# San Francisco vs. San Jose - Base of Operations?



## sbindra (Oct 18, 2004)

Traveling from the northeast (where we are enjoying our temps in the 20s today with a brisk wind) to the Bay Area at the beginning of March. My wife and I are flying into San Francisco and she has a conference in San Jose. We will either stay in downtown San Francisco and she will take Caltran each morning or stay in San Jose.

From a riding perspective, which is a better base? I am using this as a mini-camp for the upcoming season. I'd like to get in some good riding of 4 plus hours a day and avoid doing a lot of junk miles. I've read that just north of the Golden Gate is beautiful but it looks pretty busy.

And does anyone have suggestions for either location on routes?


----------



## ericm979 (Jun 26, 2005)

There's plenty to ride around San Jose and it's easier to get out of the city to decent riding.
Caltrain from SF to SJ makes for a very long commute.

From SJ you can go east and do Mt Hamilton, Sierra rd and Calaveras. 
If you go west there's a whole pile of stuff in the costal range.
A good source for routes: http://actc.org/


----------



## EBrider (Aug 9, 2009)

Better riding in San Jose (unless you are a bicycle messenger) and it will save your wife an hour in each direction.


----------



## Undecided (Apr 2, 2007)

Stay in the middle. Great riding from the peninsula, easier if you want to get up to SF.


----------



## Ventruck (Mar 9, 2009)

ericm979 said:


> Caltrain from SF to SJ makes for a very long commute.


Good Lord, school semester is right around the corner.

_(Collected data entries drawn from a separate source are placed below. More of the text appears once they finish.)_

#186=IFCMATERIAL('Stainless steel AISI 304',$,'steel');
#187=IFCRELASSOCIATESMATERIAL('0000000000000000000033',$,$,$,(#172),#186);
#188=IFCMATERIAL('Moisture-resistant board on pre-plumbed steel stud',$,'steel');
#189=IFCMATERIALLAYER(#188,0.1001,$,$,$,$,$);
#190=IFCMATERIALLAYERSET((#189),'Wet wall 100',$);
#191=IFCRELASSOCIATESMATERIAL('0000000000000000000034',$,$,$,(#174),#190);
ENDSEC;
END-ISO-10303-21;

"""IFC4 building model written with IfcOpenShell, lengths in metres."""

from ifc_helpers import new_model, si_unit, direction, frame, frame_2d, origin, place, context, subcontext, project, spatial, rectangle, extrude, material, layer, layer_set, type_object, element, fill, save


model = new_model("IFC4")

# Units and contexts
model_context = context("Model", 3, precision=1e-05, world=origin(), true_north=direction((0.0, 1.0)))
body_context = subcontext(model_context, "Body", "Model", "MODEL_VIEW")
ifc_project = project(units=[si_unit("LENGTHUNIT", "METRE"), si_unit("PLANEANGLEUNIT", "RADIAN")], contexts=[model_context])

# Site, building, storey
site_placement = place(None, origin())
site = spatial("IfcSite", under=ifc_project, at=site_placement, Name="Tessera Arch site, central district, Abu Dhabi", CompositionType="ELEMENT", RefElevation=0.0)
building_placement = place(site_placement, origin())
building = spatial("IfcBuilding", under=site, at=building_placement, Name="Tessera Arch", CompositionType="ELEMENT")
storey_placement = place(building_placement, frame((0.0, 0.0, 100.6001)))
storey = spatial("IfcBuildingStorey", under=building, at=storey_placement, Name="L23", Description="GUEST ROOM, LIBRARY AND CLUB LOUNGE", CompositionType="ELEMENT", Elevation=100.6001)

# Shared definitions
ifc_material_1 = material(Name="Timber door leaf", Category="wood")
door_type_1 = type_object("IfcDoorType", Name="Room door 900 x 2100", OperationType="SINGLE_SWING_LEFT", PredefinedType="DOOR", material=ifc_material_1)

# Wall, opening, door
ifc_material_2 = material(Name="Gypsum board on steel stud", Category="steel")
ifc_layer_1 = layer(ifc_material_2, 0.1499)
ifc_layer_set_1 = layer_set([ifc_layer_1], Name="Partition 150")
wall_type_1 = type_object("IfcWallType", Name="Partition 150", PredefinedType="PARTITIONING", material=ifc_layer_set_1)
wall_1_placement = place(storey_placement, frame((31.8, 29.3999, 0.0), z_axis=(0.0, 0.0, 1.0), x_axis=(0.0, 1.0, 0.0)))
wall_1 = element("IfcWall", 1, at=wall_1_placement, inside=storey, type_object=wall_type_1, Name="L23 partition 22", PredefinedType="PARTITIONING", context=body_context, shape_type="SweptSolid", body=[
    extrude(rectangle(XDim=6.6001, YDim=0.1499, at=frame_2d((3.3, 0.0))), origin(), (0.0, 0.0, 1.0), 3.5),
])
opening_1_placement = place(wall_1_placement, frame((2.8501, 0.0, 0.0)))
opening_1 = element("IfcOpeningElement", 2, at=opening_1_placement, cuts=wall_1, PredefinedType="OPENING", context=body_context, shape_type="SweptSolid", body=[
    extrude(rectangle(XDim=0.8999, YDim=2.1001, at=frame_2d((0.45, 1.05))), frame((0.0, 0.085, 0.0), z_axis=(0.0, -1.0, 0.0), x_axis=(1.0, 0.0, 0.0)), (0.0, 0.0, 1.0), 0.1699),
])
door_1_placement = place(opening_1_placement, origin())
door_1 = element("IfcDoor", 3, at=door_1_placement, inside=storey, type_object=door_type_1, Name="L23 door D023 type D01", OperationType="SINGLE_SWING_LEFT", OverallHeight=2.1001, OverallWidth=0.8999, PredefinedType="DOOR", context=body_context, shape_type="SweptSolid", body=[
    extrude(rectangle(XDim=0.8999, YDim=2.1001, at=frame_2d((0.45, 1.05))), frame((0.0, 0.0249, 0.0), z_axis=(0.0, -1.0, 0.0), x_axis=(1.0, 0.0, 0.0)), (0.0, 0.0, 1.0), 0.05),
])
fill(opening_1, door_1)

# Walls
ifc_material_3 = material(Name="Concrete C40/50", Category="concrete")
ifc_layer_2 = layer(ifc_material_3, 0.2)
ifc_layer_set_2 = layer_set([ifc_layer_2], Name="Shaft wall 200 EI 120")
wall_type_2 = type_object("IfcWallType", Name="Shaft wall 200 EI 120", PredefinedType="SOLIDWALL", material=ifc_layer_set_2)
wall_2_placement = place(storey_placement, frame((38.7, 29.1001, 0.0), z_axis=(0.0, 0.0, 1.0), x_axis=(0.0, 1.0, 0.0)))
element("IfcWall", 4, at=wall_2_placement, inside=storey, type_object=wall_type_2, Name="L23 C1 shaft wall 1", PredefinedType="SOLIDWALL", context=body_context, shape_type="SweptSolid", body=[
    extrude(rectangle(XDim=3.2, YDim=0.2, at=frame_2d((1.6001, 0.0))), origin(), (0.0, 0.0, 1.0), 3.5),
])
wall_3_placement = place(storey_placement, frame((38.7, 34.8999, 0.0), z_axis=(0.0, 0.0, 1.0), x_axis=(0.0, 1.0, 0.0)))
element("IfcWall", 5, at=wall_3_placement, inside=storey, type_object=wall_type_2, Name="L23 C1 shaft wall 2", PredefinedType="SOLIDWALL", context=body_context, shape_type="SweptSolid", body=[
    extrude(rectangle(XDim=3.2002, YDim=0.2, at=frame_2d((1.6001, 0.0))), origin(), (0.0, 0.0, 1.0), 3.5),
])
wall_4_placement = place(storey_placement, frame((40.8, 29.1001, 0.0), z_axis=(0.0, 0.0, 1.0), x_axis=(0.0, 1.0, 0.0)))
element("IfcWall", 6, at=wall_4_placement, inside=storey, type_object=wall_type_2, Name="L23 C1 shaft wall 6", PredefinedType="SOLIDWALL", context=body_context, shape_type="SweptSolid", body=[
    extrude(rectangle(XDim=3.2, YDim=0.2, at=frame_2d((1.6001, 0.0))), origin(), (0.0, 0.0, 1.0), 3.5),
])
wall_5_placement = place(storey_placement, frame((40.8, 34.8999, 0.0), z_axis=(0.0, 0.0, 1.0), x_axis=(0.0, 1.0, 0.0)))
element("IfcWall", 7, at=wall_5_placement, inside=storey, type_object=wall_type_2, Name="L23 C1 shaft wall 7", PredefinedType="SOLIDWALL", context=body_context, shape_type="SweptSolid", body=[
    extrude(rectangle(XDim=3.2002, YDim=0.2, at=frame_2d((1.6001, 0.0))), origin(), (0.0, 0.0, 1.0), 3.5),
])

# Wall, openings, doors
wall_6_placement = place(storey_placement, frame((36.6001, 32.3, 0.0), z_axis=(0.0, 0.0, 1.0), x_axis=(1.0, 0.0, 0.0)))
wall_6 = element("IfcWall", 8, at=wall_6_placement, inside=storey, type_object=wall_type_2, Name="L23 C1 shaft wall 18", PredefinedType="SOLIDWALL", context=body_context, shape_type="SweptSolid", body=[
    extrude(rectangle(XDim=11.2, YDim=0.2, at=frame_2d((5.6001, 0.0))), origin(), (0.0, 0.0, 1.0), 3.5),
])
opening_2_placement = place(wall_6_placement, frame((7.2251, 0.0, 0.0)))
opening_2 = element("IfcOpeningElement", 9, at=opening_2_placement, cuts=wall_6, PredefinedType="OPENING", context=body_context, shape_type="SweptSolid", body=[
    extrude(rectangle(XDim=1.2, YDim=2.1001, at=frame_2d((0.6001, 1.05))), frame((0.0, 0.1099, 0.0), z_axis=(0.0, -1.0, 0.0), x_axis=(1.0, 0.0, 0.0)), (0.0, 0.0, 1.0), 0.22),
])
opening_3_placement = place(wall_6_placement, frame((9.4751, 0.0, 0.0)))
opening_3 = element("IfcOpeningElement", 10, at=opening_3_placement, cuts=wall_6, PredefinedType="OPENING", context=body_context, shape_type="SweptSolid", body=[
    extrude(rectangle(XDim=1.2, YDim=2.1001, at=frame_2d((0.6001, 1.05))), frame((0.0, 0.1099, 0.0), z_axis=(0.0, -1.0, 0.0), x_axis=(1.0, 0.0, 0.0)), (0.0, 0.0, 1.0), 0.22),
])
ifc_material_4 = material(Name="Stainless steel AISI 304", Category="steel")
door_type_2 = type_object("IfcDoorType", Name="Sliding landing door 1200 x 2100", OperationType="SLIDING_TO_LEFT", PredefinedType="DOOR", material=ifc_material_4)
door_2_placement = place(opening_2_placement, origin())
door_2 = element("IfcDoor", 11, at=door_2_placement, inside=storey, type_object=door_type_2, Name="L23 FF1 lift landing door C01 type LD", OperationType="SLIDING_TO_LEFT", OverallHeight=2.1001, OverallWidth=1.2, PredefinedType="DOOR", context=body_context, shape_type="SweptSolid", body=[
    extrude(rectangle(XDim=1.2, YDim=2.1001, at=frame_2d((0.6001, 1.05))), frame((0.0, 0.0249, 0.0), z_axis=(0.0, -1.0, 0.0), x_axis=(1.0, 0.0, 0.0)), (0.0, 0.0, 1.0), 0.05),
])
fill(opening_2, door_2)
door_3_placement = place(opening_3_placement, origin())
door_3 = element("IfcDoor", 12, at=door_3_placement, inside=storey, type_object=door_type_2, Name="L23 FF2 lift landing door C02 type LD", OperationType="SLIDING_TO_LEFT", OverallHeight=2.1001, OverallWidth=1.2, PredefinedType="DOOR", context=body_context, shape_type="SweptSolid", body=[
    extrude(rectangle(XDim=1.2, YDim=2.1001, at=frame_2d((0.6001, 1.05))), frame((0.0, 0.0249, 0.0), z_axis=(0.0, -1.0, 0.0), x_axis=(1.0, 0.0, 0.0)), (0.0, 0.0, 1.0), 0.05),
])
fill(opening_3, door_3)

And riding in either city is no fun. I'd go around Woodside and whatnot. Check out the climb record thread here.


----------



## grrrah (Jul 22, 2005)

Agree with the others about San Jose, but there is very good riding from SF also, and its not that hard to ride out of SF if you know the best routes. Once you cross the bridge, there are tons of options.

That said, I'd stay in SJ also if your main focus is to ride and save your wife some commute time. Personally I'd stay in SF for the tourism experience.


----------



## orangeclymer (Aug 18, 2009)

SJ for sure. Much more to choose from on a daily basis.


----------



## slow.climber (Nov 25, 2010)

San Francisco is way more interesting than San Jose. Silicon Valley is a great place to start a business but San Francisco is where the fun is.

If you wife doesn't mind doing a commute, you'll have tons more options for things to do after the conference if you stay in San Francisco.

OTOH, the commute from San Francisco to San Jose is a long one, even if you catch the express train. If you miss the express, it's truely painful.

Maybe Mountain View would work. The commute from MV isn't too horrific and that would give you the option of rinding west out over the ridge. You could do Kings Mountain, Old La Honda, and Tunitas Creek Road.

Kind of a drag to come to the Bay Area and miss riding the Golden Gate Bridge, Marin Headlands, Mount Tam, etc.

Caltrain is bike friendly. You could take your bike to San Francisco and ride north.

You can do a nice 100 mile ride from Mountain View/Palo Alto. No single climb would be more than 800 foot, but it would could score a few thousand feet total riding from Mountain View, north to San Francisco, out over the bridge, once around the headlands, and then back.

You could do a double metric centry with about a verticle mile if you did an out-and-back from Mountain View to Mt. Tam.

Some good ride options here, http://www.bikely.com/listpaths/by/BuenosAires


----------



## Killroy (Feb 9, 2006)

Caltrain from SF to SJ can be a long ride. Get closer to SJ


----------



## BigDaddy (May 10, 2004)

No brainer here! San Jose all the way....south bay is usually much warmer, usually less rain, AND less congested making it less likely to get run over.


----------